My reference to the 650i was in responce to a previous post, I also made the statement that the S5 is an S4 Coupe. I was not comparing the two, actually I was showing that you cant compare them. "only engine option in US is V8 w/360hp" The enty A5 will probably be the 2.0
Re-read it and dont be so quick on the trigger


----------



## ProjectA3 (Aug 12, 2005)

*Re: (iwantanaudi)*

i dont think they will make the A5 with the 2.0T, that engine would probably dumb down the car too much and not give it the up-market luxo performance coupe feel.

the 3 series and CLK and the direct targets for this. and HP is not everything.

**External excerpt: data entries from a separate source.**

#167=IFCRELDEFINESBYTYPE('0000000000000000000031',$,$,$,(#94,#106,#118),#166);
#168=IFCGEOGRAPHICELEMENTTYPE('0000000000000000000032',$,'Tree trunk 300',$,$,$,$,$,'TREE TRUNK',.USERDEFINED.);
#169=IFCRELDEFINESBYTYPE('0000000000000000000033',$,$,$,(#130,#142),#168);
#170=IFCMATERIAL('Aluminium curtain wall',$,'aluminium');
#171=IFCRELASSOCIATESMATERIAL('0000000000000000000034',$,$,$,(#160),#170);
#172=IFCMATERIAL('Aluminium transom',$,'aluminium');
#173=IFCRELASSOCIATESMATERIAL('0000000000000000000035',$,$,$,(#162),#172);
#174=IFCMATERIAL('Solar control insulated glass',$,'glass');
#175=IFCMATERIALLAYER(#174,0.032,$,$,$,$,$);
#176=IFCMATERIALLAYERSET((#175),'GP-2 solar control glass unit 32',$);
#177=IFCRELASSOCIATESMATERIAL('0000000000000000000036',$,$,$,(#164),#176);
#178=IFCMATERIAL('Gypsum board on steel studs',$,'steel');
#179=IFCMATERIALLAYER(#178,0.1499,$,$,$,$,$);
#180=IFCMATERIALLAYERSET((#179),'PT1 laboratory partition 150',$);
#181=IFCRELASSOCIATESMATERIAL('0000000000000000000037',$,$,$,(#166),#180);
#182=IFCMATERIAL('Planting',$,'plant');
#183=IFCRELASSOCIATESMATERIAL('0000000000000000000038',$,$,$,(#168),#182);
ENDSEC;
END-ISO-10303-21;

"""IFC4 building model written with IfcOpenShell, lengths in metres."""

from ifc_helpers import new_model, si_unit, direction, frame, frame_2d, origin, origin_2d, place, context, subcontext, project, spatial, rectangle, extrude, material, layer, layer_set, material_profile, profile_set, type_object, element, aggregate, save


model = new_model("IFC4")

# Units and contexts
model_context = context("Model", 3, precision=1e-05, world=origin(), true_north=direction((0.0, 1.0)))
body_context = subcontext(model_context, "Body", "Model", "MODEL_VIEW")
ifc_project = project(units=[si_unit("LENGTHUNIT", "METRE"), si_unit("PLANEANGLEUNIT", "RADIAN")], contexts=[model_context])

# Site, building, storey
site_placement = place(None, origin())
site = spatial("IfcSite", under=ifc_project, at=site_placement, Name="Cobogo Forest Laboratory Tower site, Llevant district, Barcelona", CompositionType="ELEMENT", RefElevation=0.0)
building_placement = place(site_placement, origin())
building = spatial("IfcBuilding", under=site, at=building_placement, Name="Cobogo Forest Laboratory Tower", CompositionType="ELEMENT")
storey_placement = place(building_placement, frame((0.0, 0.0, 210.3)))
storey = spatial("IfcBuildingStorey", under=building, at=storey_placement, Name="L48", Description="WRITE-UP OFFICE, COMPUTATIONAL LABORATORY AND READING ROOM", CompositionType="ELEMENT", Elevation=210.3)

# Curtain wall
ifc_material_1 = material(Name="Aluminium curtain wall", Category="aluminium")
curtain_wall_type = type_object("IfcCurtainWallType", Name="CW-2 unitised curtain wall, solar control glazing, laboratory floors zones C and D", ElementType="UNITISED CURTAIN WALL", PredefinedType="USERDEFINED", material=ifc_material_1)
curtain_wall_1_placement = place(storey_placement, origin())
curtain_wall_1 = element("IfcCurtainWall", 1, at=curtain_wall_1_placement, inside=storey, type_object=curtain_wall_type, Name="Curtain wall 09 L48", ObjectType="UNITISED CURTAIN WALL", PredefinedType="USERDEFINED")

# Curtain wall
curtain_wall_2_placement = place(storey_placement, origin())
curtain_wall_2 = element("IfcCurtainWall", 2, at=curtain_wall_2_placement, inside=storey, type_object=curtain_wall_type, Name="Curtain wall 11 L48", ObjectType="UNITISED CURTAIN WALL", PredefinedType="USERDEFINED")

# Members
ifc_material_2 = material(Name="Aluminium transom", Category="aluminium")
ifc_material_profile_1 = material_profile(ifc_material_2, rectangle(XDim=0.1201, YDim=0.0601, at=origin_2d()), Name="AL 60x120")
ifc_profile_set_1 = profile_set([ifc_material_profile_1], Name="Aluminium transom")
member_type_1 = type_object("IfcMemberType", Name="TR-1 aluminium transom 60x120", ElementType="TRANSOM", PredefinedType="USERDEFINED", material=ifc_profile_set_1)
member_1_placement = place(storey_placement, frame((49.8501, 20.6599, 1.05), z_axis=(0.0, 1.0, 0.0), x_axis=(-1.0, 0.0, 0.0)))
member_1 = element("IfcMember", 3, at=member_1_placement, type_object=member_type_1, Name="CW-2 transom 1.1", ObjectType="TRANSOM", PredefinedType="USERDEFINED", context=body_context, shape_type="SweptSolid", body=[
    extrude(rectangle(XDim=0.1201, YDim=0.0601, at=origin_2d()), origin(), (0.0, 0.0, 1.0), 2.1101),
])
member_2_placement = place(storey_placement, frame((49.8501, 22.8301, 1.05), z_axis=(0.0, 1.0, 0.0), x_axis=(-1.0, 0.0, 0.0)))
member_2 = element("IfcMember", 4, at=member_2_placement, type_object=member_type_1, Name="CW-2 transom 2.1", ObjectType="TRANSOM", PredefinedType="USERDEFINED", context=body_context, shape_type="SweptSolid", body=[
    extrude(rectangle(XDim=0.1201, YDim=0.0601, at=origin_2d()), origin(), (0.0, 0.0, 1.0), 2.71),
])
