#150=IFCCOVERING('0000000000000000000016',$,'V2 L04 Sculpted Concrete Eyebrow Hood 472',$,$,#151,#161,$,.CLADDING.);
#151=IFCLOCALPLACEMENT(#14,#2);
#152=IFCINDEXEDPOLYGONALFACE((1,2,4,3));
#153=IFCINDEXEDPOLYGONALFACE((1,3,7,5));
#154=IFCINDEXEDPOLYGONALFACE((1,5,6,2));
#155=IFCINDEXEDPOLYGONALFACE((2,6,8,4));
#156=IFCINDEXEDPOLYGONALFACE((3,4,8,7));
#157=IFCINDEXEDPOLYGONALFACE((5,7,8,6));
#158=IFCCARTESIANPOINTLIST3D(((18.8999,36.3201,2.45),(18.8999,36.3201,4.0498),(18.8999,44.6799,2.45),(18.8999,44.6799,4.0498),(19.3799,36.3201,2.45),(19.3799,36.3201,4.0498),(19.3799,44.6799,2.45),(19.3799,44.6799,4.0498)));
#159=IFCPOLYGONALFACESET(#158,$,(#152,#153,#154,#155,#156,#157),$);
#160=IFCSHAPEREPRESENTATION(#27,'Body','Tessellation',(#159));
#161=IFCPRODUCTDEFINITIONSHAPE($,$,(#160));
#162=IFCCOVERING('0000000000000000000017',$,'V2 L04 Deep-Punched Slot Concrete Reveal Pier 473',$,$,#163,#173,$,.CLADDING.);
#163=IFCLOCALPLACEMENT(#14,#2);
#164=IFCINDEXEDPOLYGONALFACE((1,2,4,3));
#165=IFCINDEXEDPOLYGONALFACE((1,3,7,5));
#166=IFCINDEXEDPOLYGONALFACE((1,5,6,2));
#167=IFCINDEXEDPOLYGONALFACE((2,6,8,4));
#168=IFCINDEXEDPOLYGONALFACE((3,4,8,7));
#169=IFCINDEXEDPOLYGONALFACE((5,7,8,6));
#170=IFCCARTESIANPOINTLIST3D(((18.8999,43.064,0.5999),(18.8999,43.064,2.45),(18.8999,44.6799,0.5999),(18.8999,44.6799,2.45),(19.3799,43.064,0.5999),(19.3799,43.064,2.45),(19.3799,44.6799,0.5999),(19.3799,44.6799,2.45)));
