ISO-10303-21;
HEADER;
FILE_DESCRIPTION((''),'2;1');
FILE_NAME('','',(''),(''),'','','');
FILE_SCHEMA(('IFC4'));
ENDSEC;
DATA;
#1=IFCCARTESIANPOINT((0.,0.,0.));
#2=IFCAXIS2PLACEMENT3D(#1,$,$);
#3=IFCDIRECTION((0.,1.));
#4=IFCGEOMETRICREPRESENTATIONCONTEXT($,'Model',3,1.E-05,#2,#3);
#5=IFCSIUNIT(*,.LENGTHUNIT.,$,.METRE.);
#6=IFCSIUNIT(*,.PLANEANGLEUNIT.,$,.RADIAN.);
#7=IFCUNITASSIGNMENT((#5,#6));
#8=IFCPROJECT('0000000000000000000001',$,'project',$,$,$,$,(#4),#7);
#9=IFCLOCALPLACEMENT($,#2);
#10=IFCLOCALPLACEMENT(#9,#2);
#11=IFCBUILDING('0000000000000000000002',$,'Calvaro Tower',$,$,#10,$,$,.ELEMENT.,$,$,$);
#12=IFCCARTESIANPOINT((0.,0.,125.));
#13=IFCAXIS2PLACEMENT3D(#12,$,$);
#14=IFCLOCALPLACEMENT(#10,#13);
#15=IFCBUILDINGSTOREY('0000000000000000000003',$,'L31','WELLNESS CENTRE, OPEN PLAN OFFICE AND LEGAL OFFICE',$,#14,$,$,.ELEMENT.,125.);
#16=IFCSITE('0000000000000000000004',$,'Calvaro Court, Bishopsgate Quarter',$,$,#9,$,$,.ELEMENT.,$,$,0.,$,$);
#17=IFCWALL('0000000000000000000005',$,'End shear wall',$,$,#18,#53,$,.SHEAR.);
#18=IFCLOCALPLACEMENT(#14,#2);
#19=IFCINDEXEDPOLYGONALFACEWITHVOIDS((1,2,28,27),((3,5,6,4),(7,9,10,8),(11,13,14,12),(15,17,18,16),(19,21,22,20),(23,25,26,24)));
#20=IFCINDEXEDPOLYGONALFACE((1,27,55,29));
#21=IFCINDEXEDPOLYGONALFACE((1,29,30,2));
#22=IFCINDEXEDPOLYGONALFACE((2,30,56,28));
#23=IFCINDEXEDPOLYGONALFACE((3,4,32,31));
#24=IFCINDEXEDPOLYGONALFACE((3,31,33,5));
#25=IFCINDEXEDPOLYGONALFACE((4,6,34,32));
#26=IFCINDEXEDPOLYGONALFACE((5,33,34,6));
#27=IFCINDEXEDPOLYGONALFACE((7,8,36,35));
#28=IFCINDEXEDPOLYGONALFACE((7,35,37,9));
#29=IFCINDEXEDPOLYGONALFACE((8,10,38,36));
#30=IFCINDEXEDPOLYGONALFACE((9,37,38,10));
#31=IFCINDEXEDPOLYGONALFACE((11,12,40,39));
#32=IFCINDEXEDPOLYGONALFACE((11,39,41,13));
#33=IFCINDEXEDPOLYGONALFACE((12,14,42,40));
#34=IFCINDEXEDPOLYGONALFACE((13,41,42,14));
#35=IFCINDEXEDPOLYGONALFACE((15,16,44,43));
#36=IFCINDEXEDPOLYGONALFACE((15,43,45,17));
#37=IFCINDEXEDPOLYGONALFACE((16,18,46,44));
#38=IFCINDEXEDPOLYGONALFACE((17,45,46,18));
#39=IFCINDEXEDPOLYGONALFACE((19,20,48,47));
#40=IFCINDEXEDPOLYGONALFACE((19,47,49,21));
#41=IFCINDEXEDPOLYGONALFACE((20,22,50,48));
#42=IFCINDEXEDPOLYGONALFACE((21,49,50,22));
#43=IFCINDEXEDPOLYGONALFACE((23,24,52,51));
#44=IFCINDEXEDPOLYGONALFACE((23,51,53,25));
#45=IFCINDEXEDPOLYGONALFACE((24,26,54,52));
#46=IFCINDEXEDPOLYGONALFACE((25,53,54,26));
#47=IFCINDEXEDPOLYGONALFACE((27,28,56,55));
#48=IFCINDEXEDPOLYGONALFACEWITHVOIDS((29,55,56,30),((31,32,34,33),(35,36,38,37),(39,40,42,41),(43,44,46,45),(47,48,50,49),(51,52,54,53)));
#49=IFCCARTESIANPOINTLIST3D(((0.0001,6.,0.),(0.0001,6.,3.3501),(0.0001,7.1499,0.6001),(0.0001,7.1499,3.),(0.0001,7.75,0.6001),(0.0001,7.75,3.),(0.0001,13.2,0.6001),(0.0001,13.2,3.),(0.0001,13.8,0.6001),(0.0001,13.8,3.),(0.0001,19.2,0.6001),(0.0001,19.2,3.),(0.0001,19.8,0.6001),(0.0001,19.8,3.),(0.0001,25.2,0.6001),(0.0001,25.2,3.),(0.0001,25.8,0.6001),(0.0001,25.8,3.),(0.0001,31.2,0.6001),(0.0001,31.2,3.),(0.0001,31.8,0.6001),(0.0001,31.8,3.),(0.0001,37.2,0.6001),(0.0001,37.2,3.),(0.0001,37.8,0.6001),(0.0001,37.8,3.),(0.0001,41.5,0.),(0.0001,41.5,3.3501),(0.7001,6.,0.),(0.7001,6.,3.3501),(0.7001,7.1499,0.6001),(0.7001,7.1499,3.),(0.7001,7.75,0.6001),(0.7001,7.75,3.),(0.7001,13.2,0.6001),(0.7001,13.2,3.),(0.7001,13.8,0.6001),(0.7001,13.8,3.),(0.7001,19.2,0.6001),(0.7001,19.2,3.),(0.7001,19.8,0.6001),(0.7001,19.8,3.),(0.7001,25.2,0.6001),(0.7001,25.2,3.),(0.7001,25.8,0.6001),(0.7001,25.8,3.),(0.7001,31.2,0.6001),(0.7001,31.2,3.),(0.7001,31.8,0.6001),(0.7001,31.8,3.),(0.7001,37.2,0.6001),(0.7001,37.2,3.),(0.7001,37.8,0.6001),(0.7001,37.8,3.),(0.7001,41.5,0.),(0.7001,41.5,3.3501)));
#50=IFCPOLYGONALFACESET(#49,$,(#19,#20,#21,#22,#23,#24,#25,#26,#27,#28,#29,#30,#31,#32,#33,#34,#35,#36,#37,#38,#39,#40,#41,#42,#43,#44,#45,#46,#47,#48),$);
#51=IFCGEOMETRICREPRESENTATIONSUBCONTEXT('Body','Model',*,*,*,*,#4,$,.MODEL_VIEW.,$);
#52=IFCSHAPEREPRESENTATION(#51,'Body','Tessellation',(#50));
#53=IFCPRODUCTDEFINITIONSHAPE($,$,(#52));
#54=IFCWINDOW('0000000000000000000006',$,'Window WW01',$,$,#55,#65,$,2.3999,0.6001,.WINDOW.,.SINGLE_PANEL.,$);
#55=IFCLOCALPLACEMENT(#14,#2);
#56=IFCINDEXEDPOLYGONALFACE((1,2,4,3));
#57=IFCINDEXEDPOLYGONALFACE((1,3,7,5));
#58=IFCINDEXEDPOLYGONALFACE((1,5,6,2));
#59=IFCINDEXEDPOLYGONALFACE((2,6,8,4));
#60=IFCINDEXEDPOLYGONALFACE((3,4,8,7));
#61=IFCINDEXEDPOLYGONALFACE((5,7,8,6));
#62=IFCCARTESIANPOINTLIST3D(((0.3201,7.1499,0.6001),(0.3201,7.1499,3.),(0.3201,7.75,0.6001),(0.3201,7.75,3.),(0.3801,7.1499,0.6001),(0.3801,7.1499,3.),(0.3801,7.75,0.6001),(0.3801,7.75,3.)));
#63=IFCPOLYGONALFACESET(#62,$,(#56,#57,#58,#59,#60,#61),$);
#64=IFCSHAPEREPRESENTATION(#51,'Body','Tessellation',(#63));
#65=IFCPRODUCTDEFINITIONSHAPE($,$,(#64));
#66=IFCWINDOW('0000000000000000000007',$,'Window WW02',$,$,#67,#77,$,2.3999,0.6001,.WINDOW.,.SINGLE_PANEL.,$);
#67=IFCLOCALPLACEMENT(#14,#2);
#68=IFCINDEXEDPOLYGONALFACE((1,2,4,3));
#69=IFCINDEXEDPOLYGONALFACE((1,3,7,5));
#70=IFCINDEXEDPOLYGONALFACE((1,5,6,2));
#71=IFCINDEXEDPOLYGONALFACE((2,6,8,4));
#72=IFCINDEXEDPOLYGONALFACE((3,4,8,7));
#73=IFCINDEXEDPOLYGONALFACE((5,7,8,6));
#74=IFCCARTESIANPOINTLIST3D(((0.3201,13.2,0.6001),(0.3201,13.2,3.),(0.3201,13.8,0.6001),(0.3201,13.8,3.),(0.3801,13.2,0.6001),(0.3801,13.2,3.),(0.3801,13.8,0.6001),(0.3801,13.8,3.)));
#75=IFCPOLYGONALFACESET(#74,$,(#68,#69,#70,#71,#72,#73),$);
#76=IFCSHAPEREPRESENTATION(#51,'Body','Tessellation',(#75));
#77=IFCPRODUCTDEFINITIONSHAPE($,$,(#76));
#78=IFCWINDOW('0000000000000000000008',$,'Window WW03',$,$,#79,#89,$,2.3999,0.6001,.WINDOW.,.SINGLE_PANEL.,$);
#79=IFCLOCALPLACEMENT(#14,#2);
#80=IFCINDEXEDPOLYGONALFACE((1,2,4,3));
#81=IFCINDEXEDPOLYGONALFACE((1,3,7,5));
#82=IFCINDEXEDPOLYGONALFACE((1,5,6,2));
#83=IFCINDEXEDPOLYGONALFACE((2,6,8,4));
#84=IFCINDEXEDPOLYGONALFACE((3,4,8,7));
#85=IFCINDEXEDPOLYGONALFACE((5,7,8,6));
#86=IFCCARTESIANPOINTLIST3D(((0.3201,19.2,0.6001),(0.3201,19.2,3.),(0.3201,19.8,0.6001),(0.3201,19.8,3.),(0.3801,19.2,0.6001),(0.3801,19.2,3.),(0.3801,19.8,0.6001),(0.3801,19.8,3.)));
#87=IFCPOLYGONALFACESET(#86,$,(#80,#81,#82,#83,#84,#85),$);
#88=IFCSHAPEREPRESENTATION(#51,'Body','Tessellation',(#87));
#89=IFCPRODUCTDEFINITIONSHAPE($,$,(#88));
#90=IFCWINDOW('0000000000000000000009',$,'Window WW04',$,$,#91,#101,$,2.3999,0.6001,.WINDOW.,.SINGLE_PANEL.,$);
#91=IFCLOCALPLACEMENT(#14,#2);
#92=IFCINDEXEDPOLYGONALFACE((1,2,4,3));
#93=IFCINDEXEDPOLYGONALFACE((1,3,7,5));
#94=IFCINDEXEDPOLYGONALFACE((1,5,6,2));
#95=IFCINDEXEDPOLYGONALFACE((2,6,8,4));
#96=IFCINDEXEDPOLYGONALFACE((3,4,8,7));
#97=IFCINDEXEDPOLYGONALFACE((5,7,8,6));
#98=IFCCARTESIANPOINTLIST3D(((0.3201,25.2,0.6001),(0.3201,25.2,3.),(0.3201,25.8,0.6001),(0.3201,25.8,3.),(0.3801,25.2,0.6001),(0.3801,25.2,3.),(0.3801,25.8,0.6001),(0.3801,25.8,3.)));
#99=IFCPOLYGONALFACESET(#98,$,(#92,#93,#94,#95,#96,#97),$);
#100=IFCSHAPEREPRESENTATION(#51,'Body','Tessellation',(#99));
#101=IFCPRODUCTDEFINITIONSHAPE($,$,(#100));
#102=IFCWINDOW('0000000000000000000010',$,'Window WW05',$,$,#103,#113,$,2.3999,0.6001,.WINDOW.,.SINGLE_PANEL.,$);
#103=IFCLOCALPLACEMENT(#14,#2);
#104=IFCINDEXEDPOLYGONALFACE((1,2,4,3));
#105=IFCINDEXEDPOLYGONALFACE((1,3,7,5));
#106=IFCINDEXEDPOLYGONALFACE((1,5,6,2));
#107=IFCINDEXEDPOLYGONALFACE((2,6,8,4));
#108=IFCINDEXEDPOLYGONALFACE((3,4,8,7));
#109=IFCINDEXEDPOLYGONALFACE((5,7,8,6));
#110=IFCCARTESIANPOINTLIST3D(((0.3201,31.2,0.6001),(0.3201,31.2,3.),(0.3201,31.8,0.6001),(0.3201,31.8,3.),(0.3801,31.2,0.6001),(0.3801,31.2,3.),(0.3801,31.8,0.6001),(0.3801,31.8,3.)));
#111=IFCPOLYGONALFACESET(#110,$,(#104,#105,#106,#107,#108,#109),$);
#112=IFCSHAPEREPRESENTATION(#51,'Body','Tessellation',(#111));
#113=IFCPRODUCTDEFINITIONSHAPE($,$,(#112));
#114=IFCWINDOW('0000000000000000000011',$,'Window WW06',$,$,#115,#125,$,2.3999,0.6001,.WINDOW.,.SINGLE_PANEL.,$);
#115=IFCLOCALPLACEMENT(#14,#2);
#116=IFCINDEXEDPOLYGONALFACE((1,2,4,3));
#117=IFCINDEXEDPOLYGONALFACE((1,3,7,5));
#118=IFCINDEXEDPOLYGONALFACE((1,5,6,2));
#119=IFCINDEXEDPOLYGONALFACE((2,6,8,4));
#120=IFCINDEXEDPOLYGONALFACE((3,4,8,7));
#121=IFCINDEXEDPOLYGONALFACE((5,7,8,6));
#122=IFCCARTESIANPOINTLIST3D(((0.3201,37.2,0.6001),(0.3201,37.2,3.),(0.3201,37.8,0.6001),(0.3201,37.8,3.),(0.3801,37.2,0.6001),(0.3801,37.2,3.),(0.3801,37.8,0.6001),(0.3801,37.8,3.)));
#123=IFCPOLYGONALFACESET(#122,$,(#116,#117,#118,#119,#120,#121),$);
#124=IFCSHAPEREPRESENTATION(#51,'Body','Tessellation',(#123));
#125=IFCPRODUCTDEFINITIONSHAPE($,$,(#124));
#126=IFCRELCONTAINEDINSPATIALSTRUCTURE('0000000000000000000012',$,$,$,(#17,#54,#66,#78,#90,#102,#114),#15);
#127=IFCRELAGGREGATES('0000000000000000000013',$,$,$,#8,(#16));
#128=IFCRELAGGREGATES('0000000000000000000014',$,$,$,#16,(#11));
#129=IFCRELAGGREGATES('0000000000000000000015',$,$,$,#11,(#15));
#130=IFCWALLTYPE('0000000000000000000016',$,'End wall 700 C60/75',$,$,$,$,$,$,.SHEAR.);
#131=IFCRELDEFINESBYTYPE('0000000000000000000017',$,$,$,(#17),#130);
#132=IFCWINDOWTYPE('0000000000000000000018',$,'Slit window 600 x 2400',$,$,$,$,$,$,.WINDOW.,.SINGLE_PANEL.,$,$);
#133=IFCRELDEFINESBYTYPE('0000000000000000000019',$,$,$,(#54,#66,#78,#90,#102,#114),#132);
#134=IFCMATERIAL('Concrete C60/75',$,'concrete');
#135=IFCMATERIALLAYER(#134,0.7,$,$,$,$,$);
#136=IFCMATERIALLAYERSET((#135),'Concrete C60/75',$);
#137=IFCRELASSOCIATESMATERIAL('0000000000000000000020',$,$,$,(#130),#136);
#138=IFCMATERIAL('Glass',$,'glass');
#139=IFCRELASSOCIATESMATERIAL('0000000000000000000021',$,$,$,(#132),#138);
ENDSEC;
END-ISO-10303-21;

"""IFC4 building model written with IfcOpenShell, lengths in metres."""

from ifc_helpers import new_model, si_unit, direction, frame, frame_2d, origin, place, context, subcontext, project, spatial, rectangle, extrude, material, layer, layer_set, type_object, element, fill, save


model = new_model("IFC4")

# Units and contexts
model_context = context("Model", 3, precision=1e-05, world=origin(), true_north=direction((0.0, 1.0)))
body_context = subcontext(model_context, "Body", "Model", "MODEL_VIEW")
ifc_project = project(units=[si_unit("LENGTHUNIT", "METRE"), si_unit("PLANEANGLEUNIT", "RADIAN")], contexts=[model_context])

# Site, building, storey
site_placement = place(None, origin())
site = spatial("IfcSite", under=ifc_project, at=site_placement, Name="Calvaro Court, Bishopsgate Quarter", CompositionType="ELEMENT", RefElevation=0.0)
building_placement = place(site_placement, origin())
building = spatial("IfcBuilding", under=site, at=building_placement, Name="Calvaro Tower", CompositionType="ELEMENT")
storey_placement = place(building_placement, frame((0.0, 0.0, 125.0)))
storey = spatial("IfcBuildingStorey", under=building, at=storey_placement, Name="L31", Description="WELLNESS CENTRE, OPEN PLAN OFFICE AND LEGAL OFFICE", CompositionType="ELEMENT", Elevation=125.0)

# Wall, openings, windows
ifc_material_1 = material(Name="Concrete C60/75", Category="concrete")
ifc_layer_1 = layer(ifc_material_1, 0.7)
ifc_layer_set_1 = layer_set([ifc_layer_1], Name="Concrete C60/75")
wall_type = type_object("IfcWallType", Name="End wall 700 C60/75", PredefinedType="SHEAR", material=ifc_layer_set_1)
wall_placement = place(storey_placement, frame((0.3501, 6.0, 0.0), z_axis=(0.0, 0.0, 1.0), x_axis=(0.0, 1.0, 0.0)))
wall = element("IfcWall", 1, at=wall_placement, inside=storey, type_object=wall_type, Name="End shear wall", PredefinedType="SHEAR", context=body_context, shape_type="SweptSolid", body=[
    extrude(rectangle(XDim=35.5, YDim=0.7, at=frame_2d((17.75, 0.0))), origin(), (0.0, 0.0, 1.0), 3.3501),
])
opening_1_placement = place(wall_placement, frame((1.1499, 0.0, 0.6001)))
opening_1 = element("IfcOpeningElement", 2, at=opening_1_placement, cuts=wall, PredefinedType="OPENING", context=body_context, shape_type="SweptSolid", body=[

Audi is very outspoke about developing a whole entire car and not just go over the edge with only one piece of the puzzle.
Look at the S6 and S8. Neither are the fastest in their class by any means, but both are receiving numerous accolades from the press about being complete cars and huge value or the $ amount and what you get.


----------



## Professor Gascan (Sep 11, 2002)

No mention of Torque Vectoring Quattro. I wonder if it's going to be present. 
I'm somewhat disappointed in the output of the 3.2V6; I was hoping for at least 280hp. If the chassis makes the forward strides they're promising it may not matter.


----------



## rexxmann (Sep 4, 2002)

*Re: (Professor Gascan)*

You guys really need to consider what Audi is offering here before you start bashing it.
First - The 3.2 might not offer the same peak power of some apparent competitors, but it has a much flatter torque curve which means in normal driving it will feel just as fast or faster.
Second - Of the competitors named in the posts so far, only the Nissan is likely to cost less than an A5 3.2. In comparison to the Nissan, the Audi is more luxurious, more practical and more usuer friendly.
Third - Like the A5, the S5 is likely to cost thousands less than its so-called competition.
Fourth - According to Automobile Magazine, the Q5 (built on the next-gen A4 platform) is supposed to get a 330hp 3.0 turbocharged V6 as it's top engine. This says to me that within two years, the A4/A5 will have the same engine available.
Lastly - Stop obsessing about absolute HP and 0-60 times as if they are all a new model is worth. The appeal of European cars (Audi/VW or otherwise) has never been about their quarter-mile times. It's always been about the complete package and how the car makes you feel when you are driving it in the real world. If you want to beat everyone from one stoplight to the next, get a late-model Camaro. They might be 10 years old but they're still faster in a straight line than most European cars.


----------



## QUATTR0 (Dec 1, 2005)

*Re: (ProjectA3)*


_Quote, originally posted by *ProjectA3* »_i dont think they will make the A5 with the 2.0T, that engine would probably dumb down the car too much and not give it the up-market luxo performance coupe feel.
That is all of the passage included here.